Lets look at all the columns we have in this data set

In [3]:
df.columns

Index(['timestamp', 'company', 'level', 'title', 'totalyearlycompensation',
       'location', 'yearsofexperience', 'yearsatcompany', 'tag', 'basesalary',
       'stockgrantvalue', 'bonus', 'gender', 'otherdetails', 'cityid', 'dmaid',
       'rowNumber', 'Masters_Degree', 'Bachelors_Degree', 'Doctorate_Degree',
       'Highschool', 'Some_College', 'Race_Asian', 'Race_White',
       'Race_Two_Or_More', 'Race_Black', 'Race_Hispanic', 'Race', 'Education'],
      dtype='object')

First, I just dropping columns in Data Frame, such as race, bonus, stock, other details, and tags, which are not used in the project.
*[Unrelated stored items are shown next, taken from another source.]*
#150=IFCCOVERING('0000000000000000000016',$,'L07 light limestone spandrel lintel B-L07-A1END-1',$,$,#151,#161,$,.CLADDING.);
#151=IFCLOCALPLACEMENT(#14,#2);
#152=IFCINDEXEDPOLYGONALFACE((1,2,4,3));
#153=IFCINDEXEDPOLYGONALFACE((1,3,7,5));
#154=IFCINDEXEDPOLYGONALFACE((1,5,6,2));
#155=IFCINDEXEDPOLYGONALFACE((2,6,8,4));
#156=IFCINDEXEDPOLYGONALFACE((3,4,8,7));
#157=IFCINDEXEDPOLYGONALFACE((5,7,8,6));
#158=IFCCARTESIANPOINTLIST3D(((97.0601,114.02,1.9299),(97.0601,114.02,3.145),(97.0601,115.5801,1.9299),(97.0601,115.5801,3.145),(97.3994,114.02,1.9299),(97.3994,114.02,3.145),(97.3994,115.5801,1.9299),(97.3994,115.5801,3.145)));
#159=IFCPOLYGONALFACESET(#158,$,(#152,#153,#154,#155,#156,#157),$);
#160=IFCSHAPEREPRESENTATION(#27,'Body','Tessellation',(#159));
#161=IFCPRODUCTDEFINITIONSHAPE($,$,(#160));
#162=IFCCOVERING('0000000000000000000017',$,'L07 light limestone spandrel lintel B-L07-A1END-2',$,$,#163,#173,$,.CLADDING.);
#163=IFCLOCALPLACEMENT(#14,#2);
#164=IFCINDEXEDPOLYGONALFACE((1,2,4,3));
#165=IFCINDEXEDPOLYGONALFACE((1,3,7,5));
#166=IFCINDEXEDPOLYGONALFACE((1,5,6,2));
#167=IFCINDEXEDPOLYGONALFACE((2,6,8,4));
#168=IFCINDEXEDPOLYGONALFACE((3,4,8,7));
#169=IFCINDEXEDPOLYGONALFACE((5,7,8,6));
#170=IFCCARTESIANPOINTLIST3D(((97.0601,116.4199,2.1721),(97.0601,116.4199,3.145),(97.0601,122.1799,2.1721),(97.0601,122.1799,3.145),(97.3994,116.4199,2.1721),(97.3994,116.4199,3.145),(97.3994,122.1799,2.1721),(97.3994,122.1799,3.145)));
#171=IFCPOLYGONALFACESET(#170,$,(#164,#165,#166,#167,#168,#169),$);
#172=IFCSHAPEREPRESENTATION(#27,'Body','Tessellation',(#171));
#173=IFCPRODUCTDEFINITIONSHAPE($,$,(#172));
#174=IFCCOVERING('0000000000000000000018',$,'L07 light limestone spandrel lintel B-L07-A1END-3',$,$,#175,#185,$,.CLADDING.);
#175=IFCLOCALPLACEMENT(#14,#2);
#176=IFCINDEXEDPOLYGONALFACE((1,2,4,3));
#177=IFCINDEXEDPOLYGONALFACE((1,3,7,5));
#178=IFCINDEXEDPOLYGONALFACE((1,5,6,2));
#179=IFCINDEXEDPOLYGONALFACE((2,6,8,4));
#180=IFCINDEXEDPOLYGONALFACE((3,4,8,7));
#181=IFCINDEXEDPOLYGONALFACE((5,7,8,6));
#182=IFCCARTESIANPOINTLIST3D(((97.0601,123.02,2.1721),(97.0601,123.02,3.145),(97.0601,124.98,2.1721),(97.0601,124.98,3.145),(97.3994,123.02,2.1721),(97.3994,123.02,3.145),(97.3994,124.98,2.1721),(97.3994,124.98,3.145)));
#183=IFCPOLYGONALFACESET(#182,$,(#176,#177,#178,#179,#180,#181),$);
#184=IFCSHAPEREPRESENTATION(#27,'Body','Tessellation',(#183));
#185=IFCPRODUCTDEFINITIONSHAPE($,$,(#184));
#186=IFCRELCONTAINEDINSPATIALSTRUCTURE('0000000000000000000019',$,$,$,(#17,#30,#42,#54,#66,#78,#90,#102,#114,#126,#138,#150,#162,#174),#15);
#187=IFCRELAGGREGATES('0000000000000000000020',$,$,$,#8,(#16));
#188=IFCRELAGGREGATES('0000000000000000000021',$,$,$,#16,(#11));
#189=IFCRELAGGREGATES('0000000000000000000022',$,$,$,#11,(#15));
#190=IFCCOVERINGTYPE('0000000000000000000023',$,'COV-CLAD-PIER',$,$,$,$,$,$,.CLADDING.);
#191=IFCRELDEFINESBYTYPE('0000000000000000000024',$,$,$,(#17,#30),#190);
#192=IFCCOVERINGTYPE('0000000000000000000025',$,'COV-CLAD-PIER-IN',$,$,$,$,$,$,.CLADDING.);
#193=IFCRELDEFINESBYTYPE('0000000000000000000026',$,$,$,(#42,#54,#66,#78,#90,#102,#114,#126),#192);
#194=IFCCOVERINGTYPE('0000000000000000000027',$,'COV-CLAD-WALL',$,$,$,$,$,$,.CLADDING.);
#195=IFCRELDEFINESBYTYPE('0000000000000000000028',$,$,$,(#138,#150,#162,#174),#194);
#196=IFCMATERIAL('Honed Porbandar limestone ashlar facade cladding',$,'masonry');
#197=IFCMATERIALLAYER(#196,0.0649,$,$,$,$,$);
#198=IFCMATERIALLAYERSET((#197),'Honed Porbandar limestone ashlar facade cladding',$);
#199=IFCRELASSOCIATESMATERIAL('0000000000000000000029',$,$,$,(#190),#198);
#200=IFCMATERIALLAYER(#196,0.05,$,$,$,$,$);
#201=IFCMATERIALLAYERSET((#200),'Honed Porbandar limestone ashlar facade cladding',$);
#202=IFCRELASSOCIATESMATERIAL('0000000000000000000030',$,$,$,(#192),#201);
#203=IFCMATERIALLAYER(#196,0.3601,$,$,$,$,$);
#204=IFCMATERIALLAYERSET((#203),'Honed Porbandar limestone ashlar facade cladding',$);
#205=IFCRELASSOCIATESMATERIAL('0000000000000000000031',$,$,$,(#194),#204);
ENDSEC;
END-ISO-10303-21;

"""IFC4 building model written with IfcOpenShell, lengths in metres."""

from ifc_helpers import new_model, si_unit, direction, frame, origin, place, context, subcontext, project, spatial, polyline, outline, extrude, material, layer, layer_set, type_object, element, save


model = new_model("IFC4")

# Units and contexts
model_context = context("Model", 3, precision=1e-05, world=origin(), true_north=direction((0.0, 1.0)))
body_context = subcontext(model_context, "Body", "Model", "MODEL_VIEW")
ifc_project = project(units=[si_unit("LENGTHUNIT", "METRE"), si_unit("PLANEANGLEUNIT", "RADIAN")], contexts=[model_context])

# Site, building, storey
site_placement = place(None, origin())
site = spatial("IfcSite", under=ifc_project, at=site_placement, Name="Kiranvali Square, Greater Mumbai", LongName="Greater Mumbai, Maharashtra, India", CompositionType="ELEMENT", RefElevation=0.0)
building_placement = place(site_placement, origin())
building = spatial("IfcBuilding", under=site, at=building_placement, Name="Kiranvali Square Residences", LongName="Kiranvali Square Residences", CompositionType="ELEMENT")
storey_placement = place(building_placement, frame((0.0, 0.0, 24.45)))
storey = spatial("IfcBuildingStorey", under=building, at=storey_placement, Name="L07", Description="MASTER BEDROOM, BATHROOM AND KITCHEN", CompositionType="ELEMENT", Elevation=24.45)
Now I just considering "Education level", "Location", "Years of experience", "Gender" and "Company" total yearly compensation. my data cleaning process began by filtering for "Software Engineer" in data set, which left with about 41231 data entries.

In [4]:
dfp1 = df[df["title"] == "Software Engineer"]
filtered_columns = ["title", 'level', "company", "location", "yearsofexperience", "totalyearlycompensation",
                    "gender", "Doctorate_Degree", "Masters_Degree", "Bachelors_Degree", "tag"]
dfp2 = dfp1[filtered_columns]
print(dfp2.shape)
dfp2

(41231, 11)


Unnamed: 0,title,level,company,location,yearsofexperience,totalyearlycompensation,gender,Doctorate_Degree,Masters_Degree,Bachelors_Degree,tag
1,Software Engineer,SE 2,eBay,"San Francisco, CA",5.0,100000,,0,0,0,
4,Software Engineer,60,Microsoft,"Mountain View, CA",5.0,157000,,0,0,0,
5,Software Engineer,63,Microsoft,"Seattle, WA",8.5,208000,,0,0,0,
7,Software Engineer,62,Microsoft,"Seattle, WA",4.0,156000,,0,0,0,
8,Software Engineer,59,Microsoft,"Redmond, WA",3.0,120000,,0,0,0,
...,...,...,...,...,...,...,...,...,...,...,...
62637,Software Engineer,T4,Google,"Seattle, WA",10.0,327000,,0,0,0,Distributed Systems (Back-End)
62638,Software Engineer,62,Microsoft,"Redmond, WA",2.0,237000,,0,0,0,Full Stack
62639,Software Engineer,63,MSFT,"Seattle, WA",14.0,220000,,0,0,0,Full Stack
62640,Software Engineer,Lead MTS,Salesforce,"San Francisco, CA",8.0,280000,,0,0,0,iOS


In [5]:
form_state_one = r'(\w+\s)*(\w+),\s([A-Z]{2})$'
matches_form_one = dfp2.location.str.contains(form_state_one, flags=re.IGNORECASE, na=False)
no_form_one = dfp2.location.str.contains(form_state_one, flags=re.IGNORECASE, na=False).sum()
print(no_form_one)

form_state_two = r'(\w+\s)*(\w+),\s([A-Z]{2}),\s(\w+)'
matches_form_two = dfp2.location.str.contains(form_state_two, flags=re.IGNORECASE, na=False)
no_form_two = dfp2.location.str.contains(form_state_two, flags=re.IGNORECASE, na=False).sum()
print(no_form_two)


dfp2.location[~matches_form_one & ~matches_form_two]

34244
6978


  matches_form_one = dfp2.location.str.contains(form_state_one, flags=re.IGNORECASE, na=False)
  no_form_one = dfp2.location.str.contains(form_state_one, flags=re.IGNORECASE, na=False).sum()
  matches_form_two = dfp2.location.str.contains(form_state_two, flags=re.IGNORECASE, na=False)
  no_form_two = dfp2.location.str.contains(form_state_two, flags=re.IGNORECASE, na=False).sum()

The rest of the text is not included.